The adaptationist model suggests that the brain contains functionally distinct regions (or modules) that mediate particular sets of behaviors (Barton & Harvey, 2000). Selection on a specific set of behaviors should favor a change localized to the brain region mediating that behavior. A few studies have provided support for this model. For example, Barton and Harvey (2000) showed that structure size correlates with functionally related structures in both primates and insectivores. Wang Mitra and Clark (2002) found that the fraction of the adult brain occupied by the telencephalon is significantly larger in socially complex birds, while eating habits, migration patterns, mating type, and vocal learning did not correlate with telencephalic fraction. Reader and Laland (2002) also found that telencephalon size is correlated with innovation frequency and social learning in primates. However, it is important to understand that causal relations are not always clear in these and other studies, and even though these adaptive hypotheses may be plausible, they are difficult to test.
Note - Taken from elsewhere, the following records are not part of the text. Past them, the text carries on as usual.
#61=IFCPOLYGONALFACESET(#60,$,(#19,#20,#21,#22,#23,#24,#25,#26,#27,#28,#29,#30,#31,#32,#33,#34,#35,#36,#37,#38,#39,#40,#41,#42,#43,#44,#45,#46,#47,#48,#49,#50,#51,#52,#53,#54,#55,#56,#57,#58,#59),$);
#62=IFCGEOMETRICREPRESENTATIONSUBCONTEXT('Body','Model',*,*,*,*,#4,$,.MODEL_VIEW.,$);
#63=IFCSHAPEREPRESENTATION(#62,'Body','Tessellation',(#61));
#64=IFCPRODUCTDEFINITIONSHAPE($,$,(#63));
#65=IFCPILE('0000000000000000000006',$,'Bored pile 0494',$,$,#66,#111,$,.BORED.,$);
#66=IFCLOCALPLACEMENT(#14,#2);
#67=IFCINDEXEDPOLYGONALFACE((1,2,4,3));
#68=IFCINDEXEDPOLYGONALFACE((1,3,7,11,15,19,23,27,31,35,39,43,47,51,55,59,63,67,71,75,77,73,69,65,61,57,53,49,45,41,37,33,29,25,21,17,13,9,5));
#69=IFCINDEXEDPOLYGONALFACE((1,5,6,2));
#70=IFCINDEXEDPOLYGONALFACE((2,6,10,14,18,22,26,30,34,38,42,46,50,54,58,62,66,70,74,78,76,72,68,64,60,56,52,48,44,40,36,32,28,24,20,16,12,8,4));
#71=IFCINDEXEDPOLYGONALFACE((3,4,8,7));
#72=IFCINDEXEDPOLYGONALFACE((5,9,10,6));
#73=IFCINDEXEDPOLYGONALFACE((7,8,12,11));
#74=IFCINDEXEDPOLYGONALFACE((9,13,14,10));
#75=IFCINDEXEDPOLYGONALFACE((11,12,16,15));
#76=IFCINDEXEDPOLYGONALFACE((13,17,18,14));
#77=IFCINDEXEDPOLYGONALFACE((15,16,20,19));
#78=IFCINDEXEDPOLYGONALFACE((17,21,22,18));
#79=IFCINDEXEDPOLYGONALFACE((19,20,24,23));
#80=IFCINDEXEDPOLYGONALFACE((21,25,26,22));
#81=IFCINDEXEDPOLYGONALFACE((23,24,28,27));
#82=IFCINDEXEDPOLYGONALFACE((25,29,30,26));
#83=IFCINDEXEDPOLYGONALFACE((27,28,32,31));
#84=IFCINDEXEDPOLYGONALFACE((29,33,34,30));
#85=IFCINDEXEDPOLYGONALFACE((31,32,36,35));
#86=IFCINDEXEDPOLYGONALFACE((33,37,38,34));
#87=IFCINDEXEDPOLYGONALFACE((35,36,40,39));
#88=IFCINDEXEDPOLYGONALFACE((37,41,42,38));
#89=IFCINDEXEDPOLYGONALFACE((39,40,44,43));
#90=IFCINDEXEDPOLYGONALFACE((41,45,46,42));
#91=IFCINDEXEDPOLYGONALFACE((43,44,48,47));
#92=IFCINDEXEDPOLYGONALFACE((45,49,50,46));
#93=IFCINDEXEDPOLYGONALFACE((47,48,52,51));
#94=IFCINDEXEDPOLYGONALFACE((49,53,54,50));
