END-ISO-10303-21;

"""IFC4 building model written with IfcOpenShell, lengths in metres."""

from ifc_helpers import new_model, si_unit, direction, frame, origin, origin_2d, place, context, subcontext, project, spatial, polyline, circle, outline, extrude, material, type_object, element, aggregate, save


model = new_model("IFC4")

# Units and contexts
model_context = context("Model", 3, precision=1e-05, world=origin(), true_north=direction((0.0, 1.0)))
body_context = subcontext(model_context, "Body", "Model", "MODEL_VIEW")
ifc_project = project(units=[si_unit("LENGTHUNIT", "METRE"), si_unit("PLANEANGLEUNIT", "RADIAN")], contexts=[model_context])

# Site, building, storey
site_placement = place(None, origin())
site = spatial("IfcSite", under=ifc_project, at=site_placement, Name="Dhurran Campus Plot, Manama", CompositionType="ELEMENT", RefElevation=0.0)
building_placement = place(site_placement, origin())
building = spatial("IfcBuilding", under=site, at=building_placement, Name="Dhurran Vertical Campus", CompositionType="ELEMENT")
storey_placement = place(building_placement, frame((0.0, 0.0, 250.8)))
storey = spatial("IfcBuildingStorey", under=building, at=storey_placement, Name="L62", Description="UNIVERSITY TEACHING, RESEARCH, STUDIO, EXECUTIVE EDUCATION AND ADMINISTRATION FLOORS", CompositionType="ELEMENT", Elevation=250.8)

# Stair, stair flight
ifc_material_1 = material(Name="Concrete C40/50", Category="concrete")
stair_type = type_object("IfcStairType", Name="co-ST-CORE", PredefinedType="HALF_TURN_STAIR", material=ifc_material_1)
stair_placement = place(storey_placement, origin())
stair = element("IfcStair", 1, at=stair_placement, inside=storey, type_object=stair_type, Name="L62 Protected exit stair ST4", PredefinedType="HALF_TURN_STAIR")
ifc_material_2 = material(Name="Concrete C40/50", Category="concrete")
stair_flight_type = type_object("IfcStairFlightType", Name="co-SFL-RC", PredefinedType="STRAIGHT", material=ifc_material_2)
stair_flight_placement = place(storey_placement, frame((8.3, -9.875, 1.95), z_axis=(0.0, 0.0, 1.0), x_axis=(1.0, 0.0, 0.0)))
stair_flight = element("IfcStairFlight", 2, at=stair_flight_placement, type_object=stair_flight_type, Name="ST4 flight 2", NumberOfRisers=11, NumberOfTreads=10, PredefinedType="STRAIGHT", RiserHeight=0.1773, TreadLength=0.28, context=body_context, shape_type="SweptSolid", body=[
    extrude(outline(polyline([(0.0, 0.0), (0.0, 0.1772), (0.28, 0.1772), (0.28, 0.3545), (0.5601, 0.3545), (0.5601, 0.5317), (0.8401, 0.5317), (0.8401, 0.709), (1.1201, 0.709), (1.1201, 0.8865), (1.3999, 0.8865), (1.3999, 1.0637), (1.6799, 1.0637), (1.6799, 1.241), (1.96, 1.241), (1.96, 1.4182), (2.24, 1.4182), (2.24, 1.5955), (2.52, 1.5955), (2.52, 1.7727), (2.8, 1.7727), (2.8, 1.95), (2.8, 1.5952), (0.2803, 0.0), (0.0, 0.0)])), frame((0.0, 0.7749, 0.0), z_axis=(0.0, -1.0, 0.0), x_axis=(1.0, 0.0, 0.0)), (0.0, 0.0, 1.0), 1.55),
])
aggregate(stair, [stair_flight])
On the other hand, the developmental constraints model recognizes that a common set of genes and developmental processes may regulate the development of a range of functional regions. Finlay and Darlington argue that developmental timing can explain much of the variation in brain structure size. In their model of brain size evolution, they argue that selection for a change in any single brain structure would cause the brain to change as a whole unit (Finlay & Darlington, 1995; Finlay, Darlington, & Nicastro, 2001). They find evidence that brain structure sizes across mammals are strongly correlated with the brain size according to different power relationships, such that the neocortex exponent might explain higher neocortex fraction in primates. The authors posit that shifts in the developmental time of cortical neurogenesis between primates and rodents explain the expansion of the neocortex in primates (Finlay & Darlington, 1995). A synthesis by Striedter (Striedter, 2005) provides support for both models, suggesting that both mosaic evolution and developmental constraints play fundamental roles in driving brain/behavior changes (see also Chapter 13, this volume).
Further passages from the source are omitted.